The Lost Prophecies
Page 17
‘Unlike the man who killed him.’
‘Quite so.’
‘Why should he have been slain in so foul a manner?’
‘The boy was skinned, just as the earlier thieves were. Master Puddlicott was the instigator of the robbery of the crown jewels, I believe, and he was hanged and skinned. One could almost imagine that poor Alexander was looked upon in the same light by someone who saw him in the crypt.’
‘Do you mean to suggest that one of your monks saw him there and decided to punish him?’
‘I make no suggestion. I merely reflect on the facts and wonder.’
‘Is there anyone in the abbey whom you could suspect of such an offence?’
The abbot turned and stared at him. ‘Do you seriously believe that if I knew a man here who was capable of such an appalling act I would conceal him?’
‘He was speaking from his heart,’ Simon said as they left the abbot’s chamber.
‘He gave that impression,’ Baldwin agreed. ‘And yet I am sure he has suspicions. I refuse to believe that he would not have his own idea about who could be guilty.’
‘Perhaps he is fearful to admit to them.’
‘Why should he fear any man here? Within the community he has full powers. Any man he thought could be responsible could be arrested in an instant and held securely in gaol.’
‘That is true if he feared a death, but he could be more anxious about damage of another sort. The danger of the book, for example.’
‘What sort of danger could that book hold?’ Baldwin wondered aloud.

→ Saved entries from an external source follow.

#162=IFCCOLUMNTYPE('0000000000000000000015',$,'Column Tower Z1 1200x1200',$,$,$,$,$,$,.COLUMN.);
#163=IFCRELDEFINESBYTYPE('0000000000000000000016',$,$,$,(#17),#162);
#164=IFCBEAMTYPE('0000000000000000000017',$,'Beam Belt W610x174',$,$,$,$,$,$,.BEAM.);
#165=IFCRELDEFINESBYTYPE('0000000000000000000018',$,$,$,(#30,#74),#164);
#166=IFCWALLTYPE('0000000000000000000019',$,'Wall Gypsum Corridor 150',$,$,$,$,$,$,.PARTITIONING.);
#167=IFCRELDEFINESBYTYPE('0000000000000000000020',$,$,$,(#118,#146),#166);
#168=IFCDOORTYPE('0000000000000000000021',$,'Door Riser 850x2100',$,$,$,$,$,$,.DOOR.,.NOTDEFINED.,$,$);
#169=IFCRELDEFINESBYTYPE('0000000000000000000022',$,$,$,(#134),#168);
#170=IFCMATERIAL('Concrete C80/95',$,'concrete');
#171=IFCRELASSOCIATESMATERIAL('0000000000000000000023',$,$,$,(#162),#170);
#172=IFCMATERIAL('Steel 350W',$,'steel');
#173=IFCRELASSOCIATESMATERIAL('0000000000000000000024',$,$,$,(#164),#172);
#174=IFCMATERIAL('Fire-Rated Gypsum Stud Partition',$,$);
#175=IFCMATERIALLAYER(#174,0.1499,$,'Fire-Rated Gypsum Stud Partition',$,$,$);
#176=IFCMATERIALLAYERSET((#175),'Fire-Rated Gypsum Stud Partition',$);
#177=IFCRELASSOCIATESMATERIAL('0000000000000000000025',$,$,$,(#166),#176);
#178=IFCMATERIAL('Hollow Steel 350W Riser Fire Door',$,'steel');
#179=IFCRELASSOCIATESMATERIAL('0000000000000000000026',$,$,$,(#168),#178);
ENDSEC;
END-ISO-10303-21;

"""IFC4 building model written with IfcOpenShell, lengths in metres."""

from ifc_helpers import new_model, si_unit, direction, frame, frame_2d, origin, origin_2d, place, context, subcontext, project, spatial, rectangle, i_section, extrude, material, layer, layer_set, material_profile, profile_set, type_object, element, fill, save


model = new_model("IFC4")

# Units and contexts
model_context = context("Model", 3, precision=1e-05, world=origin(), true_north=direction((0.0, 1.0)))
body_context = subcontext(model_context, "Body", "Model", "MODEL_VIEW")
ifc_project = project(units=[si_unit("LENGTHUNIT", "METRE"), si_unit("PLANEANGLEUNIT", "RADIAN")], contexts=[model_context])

‘If all that we have heard is true, and if it is thought to promote the prince as the Antichrist, do you not think that it could bring retribution upon the abbey itself? The king may accuse the abbot of harbouring the book to the detriment of his son and thus the realm?’

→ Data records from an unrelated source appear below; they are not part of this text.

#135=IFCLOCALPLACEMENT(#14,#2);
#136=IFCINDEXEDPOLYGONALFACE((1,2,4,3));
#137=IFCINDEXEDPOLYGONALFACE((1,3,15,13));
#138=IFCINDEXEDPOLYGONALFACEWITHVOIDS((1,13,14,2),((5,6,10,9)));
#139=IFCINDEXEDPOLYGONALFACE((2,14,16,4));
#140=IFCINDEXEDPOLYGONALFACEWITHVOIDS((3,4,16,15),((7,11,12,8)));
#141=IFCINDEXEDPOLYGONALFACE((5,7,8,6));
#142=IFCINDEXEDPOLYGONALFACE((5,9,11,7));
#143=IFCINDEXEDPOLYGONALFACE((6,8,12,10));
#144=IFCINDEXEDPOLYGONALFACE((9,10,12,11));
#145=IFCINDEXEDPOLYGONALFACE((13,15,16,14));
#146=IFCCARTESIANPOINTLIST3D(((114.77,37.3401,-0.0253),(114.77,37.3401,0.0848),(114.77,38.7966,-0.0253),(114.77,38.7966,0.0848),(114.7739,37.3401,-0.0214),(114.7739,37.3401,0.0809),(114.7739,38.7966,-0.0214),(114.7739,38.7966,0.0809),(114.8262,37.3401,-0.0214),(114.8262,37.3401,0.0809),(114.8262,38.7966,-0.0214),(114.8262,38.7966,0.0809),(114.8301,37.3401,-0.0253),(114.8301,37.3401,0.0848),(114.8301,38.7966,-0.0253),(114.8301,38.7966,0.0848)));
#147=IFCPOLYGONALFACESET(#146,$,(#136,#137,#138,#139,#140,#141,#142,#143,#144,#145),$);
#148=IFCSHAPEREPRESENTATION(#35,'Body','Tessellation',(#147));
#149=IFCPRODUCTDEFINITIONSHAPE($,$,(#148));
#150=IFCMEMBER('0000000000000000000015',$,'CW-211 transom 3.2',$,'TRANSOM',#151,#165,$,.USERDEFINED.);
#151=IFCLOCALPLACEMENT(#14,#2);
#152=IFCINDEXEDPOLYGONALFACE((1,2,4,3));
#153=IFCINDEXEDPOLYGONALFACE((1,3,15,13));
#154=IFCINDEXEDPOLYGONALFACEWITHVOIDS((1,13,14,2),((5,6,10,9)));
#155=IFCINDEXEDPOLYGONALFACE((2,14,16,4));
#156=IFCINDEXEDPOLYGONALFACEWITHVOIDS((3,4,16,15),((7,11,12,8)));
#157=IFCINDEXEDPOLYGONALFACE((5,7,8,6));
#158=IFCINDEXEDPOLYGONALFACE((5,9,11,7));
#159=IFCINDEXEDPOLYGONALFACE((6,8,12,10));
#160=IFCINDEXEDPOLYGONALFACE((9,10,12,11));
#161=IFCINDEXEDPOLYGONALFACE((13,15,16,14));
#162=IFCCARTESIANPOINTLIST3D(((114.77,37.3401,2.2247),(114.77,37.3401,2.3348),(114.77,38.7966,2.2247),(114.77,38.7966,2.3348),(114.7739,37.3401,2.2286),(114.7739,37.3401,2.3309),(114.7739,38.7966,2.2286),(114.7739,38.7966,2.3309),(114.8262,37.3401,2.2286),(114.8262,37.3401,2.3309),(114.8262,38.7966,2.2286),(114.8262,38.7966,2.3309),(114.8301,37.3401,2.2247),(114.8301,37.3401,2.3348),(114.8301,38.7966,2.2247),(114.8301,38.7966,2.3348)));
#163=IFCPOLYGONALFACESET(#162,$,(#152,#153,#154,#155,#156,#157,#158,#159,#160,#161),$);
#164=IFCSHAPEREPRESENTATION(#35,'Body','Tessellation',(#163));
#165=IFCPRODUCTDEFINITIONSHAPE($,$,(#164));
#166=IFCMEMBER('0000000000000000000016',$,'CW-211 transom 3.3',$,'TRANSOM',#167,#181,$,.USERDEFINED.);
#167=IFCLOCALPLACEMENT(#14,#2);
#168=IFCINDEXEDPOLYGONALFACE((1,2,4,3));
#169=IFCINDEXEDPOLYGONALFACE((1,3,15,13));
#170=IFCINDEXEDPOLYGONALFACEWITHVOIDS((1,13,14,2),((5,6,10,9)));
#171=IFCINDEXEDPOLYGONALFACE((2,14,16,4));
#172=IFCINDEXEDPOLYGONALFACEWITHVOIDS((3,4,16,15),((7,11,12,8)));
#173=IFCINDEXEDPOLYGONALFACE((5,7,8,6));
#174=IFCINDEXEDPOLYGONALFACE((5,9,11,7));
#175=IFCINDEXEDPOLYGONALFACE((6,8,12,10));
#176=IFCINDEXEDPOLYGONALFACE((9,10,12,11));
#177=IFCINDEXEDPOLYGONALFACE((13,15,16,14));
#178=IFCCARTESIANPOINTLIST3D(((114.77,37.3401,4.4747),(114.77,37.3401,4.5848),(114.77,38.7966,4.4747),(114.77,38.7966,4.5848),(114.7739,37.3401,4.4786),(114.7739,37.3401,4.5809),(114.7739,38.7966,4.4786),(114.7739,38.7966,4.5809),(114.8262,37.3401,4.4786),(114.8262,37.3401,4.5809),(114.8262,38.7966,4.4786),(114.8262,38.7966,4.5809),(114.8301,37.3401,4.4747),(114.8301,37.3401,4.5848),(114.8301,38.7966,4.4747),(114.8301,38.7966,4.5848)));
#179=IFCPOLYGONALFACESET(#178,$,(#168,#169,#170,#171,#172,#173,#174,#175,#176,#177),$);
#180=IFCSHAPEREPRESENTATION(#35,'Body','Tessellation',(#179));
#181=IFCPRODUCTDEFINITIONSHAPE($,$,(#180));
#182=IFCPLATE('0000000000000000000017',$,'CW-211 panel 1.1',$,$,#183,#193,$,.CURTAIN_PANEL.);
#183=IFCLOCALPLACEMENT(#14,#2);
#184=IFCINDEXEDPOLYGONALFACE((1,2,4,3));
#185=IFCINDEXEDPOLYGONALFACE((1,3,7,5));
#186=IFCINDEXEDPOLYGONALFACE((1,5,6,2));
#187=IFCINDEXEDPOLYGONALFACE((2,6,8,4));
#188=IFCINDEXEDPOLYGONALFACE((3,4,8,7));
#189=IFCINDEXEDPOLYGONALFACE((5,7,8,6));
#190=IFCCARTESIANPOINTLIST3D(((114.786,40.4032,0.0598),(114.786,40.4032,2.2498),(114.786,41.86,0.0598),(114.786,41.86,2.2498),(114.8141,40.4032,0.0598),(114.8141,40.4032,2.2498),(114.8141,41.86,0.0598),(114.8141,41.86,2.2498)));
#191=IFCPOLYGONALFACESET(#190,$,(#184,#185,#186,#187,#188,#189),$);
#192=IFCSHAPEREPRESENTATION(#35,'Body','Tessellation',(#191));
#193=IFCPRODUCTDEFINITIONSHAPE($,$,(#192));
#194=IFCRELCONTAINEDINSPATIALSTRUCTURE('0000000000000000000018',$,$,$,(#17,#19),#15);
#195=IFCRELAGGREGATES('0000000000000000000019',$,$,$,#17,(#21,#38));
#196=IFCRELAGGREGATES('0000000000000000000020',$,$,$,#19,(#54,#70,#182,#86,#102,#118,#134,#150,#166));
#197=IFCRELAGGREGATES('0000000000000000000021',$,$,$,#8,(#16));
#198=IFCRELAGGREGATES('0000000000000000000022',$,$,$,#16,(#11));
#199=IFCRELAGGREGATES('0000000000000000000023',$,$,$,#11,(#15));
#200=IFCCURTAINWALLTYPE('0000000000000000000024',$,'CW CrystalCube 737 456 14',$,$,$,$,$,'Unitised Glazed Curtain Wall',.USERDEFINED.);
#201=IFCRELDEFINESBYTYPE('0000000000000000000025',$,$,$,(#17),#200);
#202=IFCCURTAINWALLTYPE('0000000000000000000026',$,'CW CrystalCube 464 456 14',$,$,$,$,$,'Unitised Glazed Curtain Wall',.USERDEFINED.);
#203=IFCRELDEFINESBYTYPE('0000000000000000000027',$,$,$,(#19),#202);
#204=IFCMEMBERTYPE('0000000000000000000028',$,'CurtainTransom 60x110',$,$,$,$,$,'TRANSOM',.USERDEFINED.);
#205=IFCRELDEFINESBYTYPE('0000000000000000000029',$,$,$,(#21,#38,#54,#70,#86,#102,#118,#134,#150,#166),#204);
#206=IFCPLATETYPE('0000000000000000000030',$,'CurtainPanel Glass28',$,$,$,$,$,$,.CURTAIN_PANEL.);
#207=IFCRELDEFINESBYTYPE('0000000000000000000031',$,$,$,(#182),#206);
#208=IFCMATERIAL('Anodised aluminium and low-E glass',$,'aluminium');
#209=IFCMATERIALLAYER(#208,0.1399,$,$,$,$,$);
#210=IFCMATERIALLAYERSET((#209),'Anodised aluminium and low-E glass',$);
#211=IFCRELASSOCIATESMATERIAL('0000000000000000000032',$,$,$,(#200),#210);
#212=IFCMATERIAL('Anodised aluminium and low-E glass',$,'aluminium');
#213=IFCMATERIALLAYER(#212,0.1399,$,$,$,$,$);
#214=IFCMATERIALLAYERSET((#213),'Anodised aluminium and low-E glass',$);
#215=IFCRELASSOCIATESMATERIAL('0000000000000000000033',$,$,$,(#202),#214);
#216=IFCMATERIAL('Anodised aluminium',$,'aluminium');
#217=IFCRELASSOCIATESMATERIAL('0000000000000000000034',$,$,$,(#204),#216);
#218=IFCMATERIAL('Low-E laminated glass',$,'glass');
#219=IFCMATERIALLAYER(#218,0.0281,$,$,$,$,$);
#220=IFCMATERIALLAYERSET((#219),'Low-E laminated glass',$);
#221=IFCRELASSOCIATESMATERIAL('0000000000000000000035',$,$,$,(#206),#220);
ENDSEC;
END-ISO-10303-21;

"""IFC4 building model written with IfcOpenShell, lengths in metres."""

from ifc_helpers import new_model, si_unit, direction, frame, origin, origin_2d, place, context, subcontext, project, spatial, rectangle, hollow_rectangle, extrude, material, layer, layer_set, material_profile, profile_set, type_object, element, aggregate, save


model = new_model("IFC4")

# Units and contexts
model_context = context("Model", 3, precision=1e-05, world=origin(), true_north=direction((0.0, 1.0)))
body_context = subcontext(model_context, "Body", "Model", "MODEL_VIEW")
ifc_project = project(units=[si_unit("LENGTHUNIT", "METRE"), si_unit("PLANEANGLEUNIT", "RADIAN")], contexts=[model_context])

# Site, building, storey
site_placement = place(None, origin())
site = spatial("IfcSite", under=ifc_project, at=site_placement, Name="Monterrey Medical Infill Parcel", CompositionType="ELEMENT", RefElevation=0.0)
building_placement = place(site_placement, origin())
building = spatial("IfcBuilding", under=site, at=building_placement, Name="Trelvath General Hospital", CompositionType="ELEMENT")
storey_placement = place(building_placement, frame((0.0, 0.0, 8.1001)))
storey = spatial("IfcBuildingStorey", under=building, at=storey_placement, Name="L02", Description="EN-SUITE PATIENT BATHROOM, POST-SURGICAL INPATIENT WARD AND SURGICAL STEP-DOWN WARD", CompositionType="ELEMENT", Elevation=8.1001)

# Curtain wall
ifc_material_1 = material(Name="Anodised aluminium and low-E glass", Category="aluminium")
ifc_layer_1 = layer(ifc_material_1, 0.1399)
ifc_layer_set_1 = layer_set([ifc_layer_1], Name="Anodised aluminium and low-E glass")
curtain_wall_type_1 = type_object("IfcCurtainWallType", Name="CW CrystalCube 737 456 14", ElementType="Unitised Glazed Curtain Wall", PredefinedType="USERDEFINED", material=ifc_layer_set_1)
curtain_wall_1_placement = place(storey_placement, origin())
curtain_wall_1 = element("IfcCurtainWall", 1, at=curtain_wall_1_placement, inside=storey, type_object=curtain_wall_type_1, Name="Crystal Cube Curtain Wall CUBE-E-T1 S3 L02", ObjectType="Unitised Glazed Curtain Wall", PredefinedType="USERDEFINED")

‘That is possible. Although the abbot could hardly be blamed for something written long ago by someone in Ireland, surely?’
‘When the king is involved, it is best not to be too confident,’ Simon said.
Baldwin nodded. King Edward II had a reputation for brutality which was unequalled.
Simon noticed the novice Robert near the entrance to the buttery as they walked to the door. He nodded, and Baldwin peered. The novice appeared to have been weeping.
‘Are you all right, boy?’ Simon asked.
‘Yes. Yes, I am well.’
‘You knew the dead monk, did you?’
‘Yes. He was a good man. Kind and generous.’
It looked as though he was going to burst into tears again. Baldwin beckoned him over. ‘Is there anyone who could have wanted to harm him? He appears to have had no enemies here, and yet he was killed in a particularly foul manner.’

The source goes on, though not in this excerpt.